In a vsan stretched cluster vSAN witness might show as isolated when running the below command, it confirms vsan is Isolated.
esxcli vsan cluster get
If the output of the command returns:
Sub-Cluster Member Count: 1
Local Node State: STANDALONE
In a vSAN Stretched Cluster, the Witness plays an important role in assuring keeping all the witness components of the vSAN Objects. To ensure proper TCP/IP communication between the data hosts and the Witness, these requirements exist:
- Round-Trip Time (RTT) latency between the Witness and the ESXi hosts must be < 500 ms.
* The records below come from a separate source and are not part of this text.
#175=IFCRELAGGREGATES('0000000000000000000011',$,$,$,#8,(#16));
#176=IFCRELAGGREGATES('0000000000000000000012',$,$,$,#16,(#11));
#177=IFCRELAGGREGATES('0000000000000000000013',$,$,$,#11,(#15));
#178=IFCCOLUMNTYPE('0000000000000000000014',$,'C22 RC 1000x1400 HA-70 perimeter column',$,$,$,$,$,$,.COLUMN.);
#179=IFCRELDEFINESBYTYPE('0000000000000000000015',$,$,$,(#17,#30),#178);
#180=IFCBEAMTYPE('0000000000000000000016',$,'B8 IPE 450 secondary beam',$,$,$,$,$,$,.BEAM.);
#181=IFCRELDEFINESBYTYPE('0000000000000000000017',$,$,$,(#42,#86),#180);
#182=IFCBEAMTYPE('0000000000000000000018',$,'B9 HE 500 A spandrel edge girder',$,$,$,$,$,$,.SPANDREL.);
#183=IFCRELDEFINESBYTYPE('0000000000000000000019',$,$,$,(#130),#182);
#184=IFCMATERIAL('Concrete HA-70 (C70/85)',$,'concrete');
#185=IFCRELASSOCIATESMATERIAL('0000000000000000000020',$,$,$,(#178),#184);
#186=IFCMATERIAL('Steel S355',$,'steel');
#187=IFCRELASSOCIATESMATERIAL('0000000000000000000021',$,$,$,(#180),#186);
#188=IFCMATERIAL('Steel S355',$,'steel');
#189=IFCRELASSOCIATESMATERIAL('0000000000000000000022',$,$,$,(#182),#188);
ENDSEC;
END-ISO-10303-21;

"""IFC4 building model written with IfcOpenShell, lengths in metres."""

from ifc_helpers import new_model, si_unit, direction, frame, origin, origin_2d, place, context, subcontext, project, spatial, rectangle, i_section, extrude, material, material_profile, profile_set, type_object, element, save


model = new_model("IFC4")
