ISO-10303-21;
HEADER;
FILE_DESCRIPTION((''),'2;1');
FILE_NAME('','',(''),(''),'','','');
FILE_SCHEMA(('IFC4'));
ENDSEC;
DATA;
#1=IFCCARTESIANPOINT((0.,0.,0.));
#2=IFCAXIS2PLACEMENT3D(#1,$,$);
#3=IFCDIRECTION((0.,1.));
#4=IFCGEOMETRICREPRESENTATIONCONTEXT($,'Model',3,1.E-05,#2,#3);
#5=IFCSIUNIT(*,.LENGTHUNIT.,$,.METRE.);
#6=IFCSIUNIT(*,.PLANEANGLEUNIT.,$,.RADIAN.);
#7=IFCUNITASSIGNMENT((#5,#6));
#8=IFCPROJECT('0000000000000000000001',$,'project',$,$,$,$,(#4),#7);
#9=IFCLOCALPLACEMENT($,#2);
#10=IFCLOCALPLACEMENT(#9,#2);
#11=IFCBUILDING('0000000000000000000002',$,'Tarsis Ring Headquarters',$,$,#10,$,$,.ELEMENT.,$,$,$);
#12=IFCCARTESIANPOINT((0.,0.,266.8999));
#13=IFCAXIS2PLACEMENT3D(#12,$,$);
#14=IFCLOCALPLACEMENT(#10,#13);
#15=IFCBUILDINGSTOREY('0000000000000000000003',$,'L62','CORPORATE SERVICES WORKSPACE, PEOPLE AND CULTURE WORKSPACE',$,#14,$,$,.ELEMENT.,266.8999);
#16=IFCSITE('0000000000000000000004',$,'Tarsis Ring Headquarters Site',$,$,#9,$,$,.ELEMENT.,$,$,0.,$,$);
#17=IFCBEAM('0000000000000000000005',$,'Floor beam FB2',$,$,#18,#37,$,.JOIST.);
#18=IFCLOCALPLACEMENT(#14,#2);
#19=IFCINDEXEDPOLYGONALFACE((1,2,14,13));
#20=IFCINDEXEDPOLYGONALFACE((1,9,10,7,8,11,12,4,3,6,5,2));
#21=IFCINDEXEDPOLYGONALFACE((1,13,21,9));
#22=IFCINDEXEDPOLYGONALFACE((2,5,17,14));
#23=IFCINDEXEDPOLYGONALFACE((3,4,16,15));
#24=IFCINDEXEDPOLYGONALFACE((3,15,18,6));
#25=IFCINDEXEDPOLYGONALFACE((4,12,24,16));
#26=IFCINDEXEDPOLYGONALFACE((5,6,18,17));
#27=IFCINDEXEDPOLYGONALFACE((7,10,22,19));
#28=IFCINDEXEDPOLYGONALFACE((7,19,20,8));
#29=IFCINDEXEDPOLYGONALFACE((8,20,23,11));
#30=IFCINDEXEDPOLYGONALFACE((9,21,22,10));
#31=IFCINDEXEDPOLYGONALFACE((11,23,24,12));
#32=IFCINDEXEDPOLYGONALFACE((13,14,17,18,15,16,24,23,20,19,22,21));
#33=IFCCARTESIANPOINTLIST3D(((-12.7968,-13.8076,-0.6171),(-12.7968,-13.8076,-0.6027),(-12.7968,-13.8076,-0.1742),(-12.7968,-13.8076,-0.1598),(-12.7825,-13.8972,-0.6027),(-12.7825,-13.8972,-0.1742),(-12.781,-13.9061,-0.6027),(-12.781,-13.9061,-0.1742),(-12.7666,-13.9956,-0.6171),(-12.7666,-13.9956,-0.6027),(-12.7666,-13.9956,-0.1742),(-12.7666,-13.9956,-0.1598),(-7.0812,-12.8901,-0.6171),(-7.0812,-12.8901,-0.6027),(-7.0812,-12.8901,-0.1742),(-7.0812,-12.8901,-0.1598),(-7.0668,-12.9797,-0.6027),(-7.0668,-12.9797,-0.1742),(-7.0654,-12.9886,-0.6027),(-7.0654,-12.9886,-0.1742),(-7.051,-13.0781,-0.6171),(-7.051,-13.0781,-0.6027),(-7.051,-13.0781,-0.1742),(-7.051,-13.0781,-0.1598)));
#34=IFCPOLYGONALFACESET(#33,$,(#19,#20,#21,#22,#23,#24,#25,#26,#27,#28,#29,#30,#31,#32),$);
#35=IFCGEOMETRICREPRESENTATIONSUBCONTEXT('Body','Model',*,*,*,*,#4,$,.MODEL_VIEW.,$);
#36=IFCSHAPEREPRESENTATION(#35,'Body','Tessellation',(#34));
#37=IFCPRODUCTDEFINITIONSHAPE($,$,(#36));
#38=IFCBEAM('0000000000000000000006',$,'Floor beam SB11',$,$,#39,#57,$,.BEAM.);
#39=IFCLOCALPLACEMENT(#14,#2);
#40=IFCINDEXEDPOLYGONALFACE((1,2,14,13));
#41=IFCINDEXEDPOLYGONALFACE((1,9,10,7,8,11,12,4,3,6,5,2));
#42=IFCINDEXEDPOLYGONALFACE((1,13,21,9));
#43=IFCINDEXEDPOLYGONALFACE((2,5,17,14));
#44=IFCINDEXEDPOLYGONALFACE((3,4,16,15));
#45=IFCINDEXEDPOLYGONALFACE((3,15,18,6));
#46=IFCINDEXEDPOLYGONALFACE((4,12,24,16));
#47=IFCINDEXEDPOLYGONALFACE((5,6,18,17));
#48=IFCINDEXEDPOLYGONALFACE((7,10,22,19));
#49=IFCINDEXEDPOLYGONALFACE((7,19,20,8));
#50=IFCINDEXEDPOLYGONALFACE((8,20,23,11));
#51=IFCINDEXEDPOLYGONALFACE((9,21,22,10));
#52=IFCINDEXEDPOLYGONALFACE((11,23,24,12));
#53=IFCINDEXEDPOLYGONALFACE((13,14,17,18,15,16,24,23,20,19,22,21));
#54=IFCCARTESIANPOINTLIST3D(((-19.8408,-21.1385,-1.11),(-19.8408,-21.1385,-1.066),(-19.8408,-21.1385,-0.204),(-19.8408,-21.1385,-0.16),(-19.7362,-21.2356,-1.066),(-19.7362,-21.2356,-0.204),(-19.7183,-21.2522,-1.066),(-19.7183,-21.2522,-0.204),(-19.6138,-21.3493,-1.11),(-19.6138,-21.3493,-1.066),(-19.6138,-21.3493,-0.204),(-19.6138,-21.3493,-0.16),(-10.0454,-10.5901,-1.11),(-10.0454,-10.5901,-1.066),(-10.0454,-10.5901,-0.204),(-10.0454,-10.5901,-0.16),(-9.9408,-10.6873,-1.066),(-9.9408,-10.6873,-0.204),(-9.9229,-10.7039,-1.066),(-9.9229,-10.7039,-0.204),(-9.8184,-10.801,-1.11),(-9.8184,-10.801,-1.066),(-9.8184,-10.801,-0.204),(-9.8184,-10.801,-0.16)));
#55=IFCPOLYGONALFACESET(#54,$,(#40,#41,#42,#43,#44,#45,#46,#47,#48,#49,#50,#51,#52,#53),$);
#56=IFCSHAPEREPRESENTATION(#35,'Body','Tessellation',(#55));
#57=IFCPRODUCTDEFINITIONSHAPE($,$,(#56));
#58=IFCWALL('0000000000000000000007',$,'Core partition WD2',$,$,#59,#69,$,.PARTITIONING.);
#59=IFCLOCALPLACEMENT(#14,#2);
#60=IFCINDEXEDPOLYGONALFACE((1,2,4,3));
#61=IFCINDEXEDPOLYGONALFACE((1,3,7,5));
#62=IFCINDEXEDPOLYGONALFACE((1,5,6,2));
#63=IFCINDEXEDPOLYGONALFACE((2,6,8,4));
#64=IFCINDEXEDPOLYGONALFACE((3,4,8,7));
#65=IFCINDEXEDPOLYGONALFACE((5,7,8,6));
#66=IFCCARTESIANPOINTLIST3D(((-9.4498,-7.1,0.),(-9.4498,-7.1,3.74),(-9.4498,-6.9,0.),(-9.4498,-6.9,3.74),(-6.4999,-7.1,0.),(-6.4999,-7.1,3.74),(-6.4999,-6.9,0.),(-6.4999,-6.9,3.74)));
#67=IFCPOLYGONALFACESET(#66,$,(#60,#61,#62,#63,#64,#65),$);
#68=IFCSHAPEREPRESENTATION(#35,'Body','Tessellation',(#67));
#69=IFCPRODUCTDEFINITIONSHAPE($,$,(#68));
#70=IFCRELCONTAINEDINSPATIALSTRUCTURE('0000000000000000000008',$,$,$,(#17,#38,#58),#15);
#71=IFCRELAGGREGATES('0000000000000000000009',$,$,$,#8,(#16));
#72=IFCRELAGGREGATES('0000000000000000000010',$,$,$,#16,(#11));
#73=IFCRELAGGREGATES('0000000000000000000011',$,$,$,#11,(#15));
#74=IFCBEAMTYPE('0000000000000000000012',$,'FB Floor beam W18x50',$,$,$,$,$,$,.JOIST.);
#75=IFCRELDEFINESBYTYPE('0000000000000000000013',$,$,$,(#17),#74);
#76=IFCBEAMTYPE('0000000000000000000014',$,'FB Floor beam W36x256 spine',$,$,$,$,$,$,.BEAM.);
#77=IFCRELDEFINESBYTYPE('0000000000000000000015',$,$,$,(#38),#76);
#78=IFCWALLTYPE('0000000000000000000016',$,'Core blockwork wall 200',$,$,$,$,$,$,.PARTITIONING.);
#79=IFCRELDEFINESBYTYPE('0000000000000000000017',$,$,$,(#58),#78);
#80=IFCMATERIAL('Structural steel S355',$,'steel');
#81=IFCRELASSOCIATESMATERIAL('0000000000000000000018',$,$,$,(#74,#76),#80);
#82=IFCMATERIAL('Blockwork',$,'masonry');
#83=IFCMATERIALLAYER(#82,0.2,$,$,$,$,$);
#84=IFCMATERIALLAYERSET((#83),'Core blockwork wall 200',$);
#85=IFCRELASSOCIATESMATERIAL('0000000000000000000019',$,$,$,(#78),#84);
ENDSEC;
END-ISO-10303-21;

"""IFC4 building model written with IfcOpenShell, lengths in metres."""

from ifc_helpers import new_model, si_unit, direction, frame, frame_2d, origin, origin_2d, place, context, subcontext, project, spatial, rectangle, i_section, extrude, material, layer, layer_set, material_profile, profile_set, type_object, element, save


model = new_model("IFC4")

# Units and contexts
model_context = context("Model", 3, precision=1e-05, world=origin(), true_north=direction((0.0, 1.0)))
body_context = subcontext(model_context, "Body", "Model", "MODEL_VIEW")
ifc_project = project(units=[si_unit("LENGTHUNIT", "METRE"), si_unit("PLANEANGLEUNIT", "RADIAN")], contexts=[model_context])

# Site, building, storey
site_placement = place(None, origin())
site = spatial("IfcSite", under=ifc_project, at=site_placement, Name="Tarsis Ring Headquarters Site", CompositionType="ELEMENT", RefElevation=0.0)
building_placement = place(site_placement, origin())
building = spatial("IfcBuilding", under=site, at=building_placement, Name="Tarsis Ring Headquarters", CompositionType="ELEMENT")
storey_placement = place(building_placement, frame((0.0, 0.0, 266.8999)))
storey = spatial("IfcBuildingStorey", under=building, at=storey_placement, Name="L62", Description="CORPORATE SERVICES WORKSPACE, PEOPLE AND CULTURE WORKSPACE", CompositionType="ELEMENT", Elevation=266.8999)

# Beams
ifc_material_1 = material(Name="Structural steel S355", Category="steel")
ifc_material_profile_1 = material_profile(ifc_material_1, i_section(OverallWidth=0.1904, OverallDepth=0.4573, WebThickness=0.009, FlangeThickness=0.0144, at=origin_2d()), Name="W18x50")
ifc_profile_set_1 = profile_set([ifc_material_profile_1], Name="Structural steel S355")
beam_type_1 = type_object("IfcBeamType", Name="FB Floor beam W18x50", PredefinedType="JOIST", material=ifc_profile_set_1)
beam_1_placement = place(storey_placement, frame((-12.7817, -13.9016, -0.3884), z_axis=(0.98736, 0.158494, 0.0), x_axis=(-0.158494, 0.98736, 0.0)))
element("IfcBeam", 1, at=beam_1_placement, inside=storey, type_object=beam_type_1, Name="Floor beam FB2", PredefinedType="JOIST", context=body_context, shape_type="SweptSolid", body=[
    extrude(i_section(OverallWidth=0.1904, OverallDepth=0.4573, WebThickness=0.009, FlangeThickness=0.0144, at=origin_2d()), origin(), (0.0, 0.0, 1.0), 5.7888),
])
ifc_material_profile_2 = material_profile(ifc_material_1, i_section(OverallWidth=0.3098, OverallDepth=0.95, WebThickness=0.0244, FlangeThickness=0.0439, at=origin_2d()), Name="W36x256")
ifc_profile_set_2 = profile_set([ifc_material_profile_2], Name="Structural steel S355")
beam_type_2 = type_object("IfcBeamType", Name="FB Floor beam W36x256 spine", PredefinedType="BEAM", material=ifc_profile_set_2)
beam_2_placement = place(storey_placement, frame((-9.9319, -10.6956, -0.635), z_axis=(-0.680471, -0.732775, 0.0), x_axis=(0.732775, -0.680471, 0.0)))
element("IfcBeam", 2, at=beam_2_placement, inside=storey, type_object=beam_type_2, Name="Floor beam SB11", PredefinedType="BEAM", context=body_context, shape_type="SweptSolid", body=[
    extrude(i_section(OverallWidth=0.3098, OverallDepth=0.95, WebThickness=0.0244, FlangeThickness=0.0439, at=origin_2d()), origin(), (0.0, 0.0, 1.0), 14.395),
])

# Wall
ifc_material_2 = material(Name="Blockwork", Category="masonry")
ifc_layer_1 = layer(ifc_material_2, 0.2)
ifc_layer_set_1 = layer_set([ifc_layer_1], Name="Core blockwork wall 200")
wall_type_1 = type_object("IfcWallType", Name="Core blockwork wall 200", PredefinedType="PARTITIONING", material=ifc_layer_set_1)
wall_1_placement = place(storey_placement, frame((-9.45, -7.0, 0.0), z_axis=(0.0, 0.0, 1.0), x_axis=(1.0, 0.0, 0.0)))
element("IfcWall", 3, at=wall_1_placement, inside=storey, type_object=wall_type_1, Name="Core partition WD2", PredefinedType="PARTITIONING", context=body_context, shape_type="SweptSolid", body=[
    extrude(rectangle(XDim=2.95, YDim=0.2, at=frame_2d((1.4751, 0.0))), origin(), (0.0, 0.0, 1.0), 3.74),
])

save(model, "model.ifc")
- A full frame must be sent between pings. If using MTU 1500, the payload must be at least 1472.
- To verify if the payload can be sent, run this command from one of the ESXi hosts: vmkping -I VSANvmknic WitnessIP -s 1472 -d -c20
If the ping fails, something on the network is not allowing the full payload to travel between the ESXi and the Witness Host
What if all the ping is working over vsan witness interface to other data nodes, routing is setup correctly, but still the witness node is isolated with respect to VSAN?
That’s when we need to check two main aspects firstly, the unicast table via the command below
esxcli vsan cluster unicastagent list
The witness appears with the value 1 in the “is witness” section. If it’s not there , add it manually via the command
esxcli vsan cluster unicast agent add -t witness -u <local_UUID> -U true -a <vSAN IP address> -p 12321
Evan if vSAN witness is present in the unicast table but its isolated form vsan cluster. We have to check the UDP traffic. For that, we need to perform a TCP dump via the below command on the witness.
tcpdump-uw -i <vmk witness interface> port 12321
The results should have the IP address of the other data node’s witness VMK interface. If it’s not there UDP is either blocked at the switch level, or by a firewall, or witness traffic is being NATed . VSAN does not support NAT & VSAN needs UDP to function.